Interesting Readings #2
Welcome to my newsletter! Each week, I spend my learning time reading online and reading books. My main goal is to go deeper in my learning and share it with you.
This week I have focused more energy on a topic which is often an object of confusion: engineering metrics.
Weekly Focus: Metrics
The state of Dev Ops is behind the most common metrics and frameworks we use today. We have all heard about the 4 metrics (DORA) and more recently the SPACE framework. When talking about the purpose of using metrics we tend to talk about two concepts.
Developer productivity is the most common one. It is about how much work we can get done.
Developer experience is the other concept, often referred to as a side effect of the other.
The excessive focus on the first concept though, can be counterproductive. We should not forget that developer experience is the most important thing here.
It is all about capabilities and processes to improve our software delivery end to end. (N. Forsgren).
The focus is to enable work to go faster and be more reliable.
We need better technical, architectural and cultural practices to do that.
The exercise to find the right metrics is necessary for each team that want to improve. It is a process, rather than a product you can buy off the shelf or learn from a book. After DORA and SPACE, industry leaders are talking about a new framework where developer experience is at the heart.

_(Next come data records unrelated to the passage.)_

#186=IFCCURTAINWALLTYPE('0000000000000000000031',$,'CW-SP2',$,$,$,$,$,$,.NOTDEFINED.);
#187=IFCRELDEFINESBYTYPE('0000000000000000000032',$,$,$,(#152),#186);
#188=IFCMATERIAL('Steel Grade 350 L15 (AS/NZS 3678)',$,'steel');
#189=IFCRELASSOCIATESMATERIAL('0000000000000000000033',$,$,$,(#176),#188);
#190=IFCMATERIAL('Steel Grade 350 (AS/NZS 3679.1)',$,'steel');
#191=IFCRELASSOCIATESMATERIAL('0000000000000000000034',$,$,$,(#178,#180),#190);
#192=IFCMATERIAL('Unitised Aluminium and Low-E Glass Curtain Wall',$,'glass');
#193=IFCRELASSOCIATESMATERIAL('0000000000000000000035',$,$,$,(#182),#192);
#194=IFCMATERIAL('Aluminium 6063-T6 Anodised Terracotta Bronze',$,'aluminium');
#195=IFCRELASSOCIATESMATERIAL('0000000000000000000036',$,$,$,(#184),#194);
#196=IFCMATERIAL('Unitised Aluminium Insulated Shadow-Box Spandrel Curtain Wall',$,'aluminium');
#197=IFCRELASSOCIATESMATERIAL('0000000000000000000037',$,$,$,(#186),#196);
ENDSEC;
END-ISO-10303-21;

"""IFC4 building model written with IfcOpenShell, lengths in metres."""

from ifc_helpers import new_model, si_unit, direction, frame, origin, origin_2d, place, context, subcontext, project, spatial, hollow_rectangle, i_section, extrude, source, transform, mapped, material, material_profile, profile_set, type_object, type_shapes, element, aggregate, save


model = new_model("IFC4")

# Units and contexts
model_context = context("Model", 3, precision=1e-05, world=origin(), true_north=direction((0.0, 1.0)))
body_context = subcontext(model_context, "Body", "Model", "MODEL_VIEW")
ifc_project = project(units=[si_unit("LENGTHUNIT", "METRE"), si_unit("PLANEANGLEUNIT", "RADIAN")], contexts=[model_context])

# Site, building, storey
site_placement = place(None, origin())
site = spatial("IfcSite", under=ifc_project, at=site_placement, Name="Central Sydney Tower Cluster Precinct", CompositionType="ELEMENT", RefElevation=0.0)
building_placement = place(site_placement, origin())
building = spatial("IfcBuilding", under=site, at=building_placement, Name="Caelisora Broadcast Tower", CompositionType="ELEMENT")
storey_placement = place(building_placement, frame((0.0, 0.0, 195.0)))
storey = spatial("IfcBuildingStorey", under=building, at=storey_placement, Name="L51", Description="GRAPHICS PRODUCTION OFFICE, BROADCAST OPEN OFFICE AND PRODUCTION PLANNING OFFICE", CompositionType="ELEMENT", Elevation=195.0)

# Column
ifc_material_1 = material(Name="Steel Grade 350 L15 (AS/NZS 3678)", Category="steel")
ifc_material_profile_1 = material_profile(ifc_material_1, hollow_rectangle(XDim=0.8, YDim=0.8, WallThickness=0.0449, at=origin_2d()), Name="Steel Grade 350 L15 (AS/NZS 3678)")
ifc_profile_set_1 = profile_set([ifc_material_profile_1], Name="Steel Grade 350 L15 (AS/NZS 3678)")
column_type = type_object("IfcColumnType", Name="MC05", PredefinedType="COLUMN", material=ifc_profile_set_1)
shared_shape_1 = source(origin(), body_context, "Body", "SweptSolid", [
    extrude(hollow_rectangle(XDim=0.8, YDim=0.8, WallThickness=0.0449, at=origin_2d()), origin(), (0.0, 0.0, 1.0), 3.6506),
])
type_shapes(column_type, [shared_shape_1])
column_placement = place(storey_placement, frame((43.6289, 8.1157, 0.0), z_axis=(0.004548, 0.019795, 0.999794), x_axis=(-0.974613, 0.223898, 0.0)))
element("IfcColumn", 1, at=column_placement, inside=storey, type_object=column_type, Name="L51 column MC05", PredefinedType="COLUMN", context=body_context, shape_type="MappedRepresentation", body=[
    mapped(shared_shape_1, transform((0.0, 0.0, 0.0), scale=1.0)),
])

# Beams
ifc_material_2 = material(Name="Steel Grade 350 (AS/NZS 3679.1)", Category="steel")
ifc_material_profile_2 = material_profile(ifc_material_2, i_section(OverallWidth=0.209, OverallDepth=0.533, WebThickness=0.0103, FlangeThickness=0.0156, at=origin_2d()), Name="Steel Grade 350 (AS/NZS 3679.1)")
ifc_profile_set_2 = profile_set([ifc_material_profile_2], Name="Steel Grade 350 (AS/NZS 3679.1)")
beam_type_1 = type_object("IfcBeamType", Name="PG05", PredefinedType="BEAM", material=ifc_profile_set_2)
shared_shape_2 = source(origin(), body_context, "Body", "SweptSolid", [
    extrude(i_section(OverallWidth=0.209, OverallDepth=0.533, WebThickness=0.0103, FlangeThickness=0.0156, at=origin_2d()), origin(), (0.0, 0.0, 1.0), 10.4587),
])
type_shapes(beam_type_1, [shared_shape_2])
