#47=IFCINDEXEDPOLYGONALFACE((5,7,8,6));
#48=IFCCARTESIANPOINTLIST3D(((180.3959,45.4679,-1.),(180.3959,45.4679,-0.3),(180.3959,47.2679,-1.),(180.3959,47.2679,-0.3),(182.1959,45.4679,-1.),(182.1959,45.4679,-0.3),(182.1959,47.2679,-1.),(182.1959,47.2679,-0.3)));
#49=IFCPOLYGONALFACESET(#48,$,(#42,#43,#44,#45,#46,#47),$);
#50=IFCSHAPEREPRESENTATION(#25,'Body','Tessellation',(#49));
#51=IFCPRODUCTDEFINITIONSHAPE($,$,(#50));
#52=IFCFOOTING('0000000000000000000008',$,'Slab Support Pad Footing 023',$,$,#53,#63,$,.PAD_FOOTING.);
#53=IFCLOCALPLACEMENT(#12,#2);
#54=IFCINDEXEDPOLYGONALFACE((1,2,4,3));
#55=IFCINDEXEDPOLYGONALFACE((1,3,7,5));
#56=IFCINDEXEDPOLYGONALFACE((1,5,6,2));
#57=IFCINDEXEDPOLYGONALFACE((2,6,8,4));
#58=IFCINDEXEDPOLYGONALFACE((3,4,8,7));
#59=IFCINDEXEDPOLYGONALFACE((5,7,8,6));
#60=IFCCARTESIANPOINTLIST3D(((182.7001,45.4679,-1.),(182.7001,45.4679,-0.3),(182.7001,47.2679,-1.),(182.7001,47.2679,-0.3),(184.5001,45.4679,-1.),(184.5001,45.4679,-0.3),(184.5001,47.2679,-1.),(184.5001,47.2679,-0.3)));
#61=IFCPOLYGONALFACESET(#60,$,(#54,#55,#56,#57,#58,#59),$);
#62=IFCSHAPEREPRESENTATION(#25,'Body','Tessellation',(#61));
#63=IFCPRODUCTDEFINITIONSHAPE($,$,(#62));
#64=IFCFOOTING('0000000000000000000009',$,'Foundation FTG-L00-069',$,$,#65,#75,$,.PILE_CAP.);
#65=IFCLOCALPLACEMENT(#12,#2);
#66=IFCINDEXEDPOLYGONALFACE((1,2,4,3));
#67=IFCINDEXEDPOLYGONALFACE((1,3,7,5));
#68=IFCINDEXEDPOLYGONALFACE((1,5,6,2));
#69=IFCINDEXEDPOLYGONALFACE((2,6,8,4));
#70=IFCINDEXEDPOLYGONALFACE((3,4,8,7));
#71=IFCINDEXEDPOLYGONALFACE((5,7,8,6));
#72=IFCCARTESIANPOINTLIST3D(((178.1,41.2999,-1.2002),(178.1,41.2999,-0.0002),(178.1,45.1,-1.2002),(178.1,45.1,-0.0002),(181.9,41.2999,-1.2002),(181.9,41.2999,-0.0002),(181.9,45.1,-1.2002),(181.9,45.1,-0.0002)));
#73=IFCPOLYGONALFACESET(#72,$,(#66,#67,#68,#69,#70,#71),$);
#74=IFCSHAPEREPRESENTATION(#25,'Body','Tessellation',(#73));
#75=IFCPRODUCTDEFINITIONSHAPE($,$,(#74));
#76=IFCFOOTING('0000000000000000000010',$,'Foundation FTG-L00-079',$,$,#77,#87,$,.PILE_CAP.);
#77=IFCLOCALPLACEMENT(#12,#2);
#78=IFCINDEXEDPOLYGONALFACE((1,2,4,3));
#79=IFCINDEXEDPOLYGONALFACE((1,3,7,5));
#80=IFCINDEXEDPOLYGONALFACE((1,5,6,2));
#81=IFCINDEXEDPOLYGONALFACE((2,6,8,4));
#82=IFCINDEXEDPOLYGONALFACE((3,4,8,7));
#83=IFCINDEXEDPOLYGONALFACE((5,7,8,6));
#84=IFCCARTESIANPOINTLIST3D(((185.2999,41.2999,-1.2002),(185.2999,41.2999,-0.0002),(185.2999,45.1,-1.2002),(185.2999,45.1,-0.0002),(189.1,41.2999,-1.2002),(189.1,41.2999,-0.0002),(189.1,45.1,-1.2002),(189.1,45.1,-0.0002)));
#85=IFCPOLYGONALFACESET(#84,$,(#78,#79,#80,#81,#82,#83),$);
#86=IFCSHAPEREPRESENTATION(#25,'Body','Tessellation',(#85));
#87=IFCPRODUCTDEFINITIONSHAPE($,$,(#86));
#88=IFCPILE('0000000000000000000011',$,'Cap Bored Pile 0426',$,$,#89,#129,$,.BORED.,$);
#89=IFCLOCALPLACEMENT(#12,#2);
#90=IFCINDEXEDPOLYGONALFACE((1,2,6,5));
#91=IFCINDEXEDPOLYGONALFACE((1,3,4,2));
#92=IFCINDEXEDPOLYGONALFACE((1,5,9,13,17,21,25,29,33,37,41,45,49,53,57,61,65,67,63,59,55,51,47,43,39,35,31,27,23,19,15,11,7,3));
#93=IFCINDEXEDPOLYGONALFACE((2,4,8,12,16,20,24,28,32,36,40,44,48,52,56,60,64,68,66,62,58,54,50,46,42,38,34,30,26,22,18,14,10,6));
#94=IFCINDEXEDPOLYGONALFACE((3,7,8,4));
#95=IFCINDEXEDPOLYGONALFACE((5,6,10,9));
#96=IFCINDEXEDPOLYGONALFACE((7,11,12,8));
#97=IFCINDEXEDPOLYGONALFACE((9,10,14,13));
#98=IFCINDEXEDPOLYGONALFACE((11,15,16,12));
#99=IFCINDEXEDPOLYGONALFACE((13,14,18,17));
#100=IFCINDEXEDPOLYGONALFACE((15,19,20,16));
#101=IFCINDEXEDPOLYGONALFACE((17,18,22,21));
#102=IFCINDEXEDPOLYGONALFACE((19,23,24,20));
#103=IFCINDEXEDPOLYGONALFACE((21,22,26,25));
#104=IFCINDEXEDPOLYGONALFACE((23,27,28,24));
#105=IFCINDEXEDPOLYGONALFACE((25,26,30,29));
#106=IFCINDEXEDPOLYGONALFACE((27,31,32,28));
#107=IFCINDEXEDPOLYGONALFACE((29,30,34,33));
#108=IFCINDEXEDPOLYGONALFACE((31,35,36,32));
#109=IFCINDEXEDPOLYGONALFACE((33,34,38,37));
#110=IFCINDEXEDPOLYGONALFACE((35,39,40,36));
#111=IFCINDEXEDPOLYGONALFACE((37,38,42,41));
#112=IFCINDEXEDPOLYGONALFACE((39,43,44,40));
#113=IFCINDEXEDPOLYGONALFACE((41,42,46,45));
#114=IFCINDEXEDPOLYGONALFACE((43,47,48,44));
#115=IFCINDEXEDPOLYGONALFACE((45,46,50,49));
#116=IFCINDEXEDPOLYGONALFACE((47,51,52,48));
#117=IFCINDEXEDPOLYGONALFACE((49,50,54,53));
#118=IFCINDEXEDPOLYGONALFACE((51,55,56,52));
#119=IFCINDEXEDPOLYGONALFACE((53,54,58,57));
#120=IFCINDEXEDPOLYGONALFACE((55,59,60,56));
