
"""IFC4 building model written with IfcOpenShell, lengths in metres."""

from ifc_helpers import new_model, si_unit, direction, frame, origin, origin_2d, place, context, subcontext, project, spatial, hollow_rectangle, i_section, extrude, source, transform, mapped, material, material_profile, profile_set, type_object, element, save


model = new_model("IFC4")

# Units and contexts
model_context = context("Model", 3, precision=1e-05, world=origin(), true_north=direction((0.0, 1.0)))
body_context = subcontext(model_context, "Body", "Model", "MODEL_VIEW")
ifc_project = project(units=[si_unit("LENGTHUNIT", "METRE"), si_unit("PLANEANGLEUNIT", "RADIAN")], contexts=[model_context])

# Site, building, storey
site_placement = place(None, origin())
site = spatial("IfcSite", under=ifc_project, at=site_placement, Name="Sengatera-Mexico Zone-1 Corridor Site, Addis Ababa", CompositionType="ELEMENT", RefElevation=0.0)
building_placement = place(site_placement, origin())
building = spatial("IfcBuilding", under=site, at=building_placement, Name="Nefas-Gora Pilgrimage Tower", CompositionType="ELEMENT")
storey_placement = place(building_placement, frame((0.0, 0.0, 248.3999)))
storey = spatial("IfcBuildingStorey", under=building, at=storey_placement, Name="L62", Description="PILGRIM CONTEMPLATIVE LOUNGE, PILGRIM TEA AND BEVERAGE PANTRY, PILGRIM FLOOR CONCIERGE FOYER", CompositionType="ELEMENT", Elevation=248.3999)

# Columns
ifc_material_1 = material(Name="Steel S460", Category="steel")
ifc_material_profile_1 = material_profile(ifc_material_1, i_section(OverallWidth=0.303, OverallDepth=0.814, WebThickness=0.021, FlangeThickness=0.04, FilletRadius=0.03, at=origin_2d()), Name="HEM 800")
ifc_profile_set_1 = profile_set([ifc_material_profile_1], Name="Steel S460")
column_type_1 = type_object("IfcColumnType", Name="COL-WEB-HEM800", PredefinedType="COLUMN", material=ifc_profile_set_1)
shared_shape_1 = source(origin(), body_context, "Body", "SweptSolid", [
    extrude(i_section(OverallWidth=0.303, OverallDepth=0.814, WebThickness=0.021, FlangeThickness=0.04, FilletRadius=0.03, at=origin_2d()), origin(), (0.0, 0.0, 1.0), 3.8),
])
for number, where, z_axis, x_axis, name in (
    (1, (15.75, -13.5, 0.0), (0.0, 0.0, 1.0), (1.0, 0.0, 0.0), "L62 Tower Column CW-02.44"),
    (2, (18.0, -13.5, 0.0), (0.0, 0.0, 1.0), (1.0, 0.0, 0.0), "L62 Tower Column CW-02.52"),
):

I have linked some insightful articles that you can read about it. I have left some highlights from those articles below.
As developers are our “users”. What it is like to write software, is this a friction free process? Is this a predictable experience? Can we reduce uncertainty and improve predictability? This eventually contributes to productivity.
You cannot improve what you do not measure, so measuring the software development process is more important than ever
”How to measure and improve developer productivity with Nicole Forsgren”
( Video & Video )
When handling metrics, teams must always be careful to remember Goodhart's law: "When a measure becomes a target, it ceases to be a good measure." The danger is that metrics become an end in themselves rather than a means to an end.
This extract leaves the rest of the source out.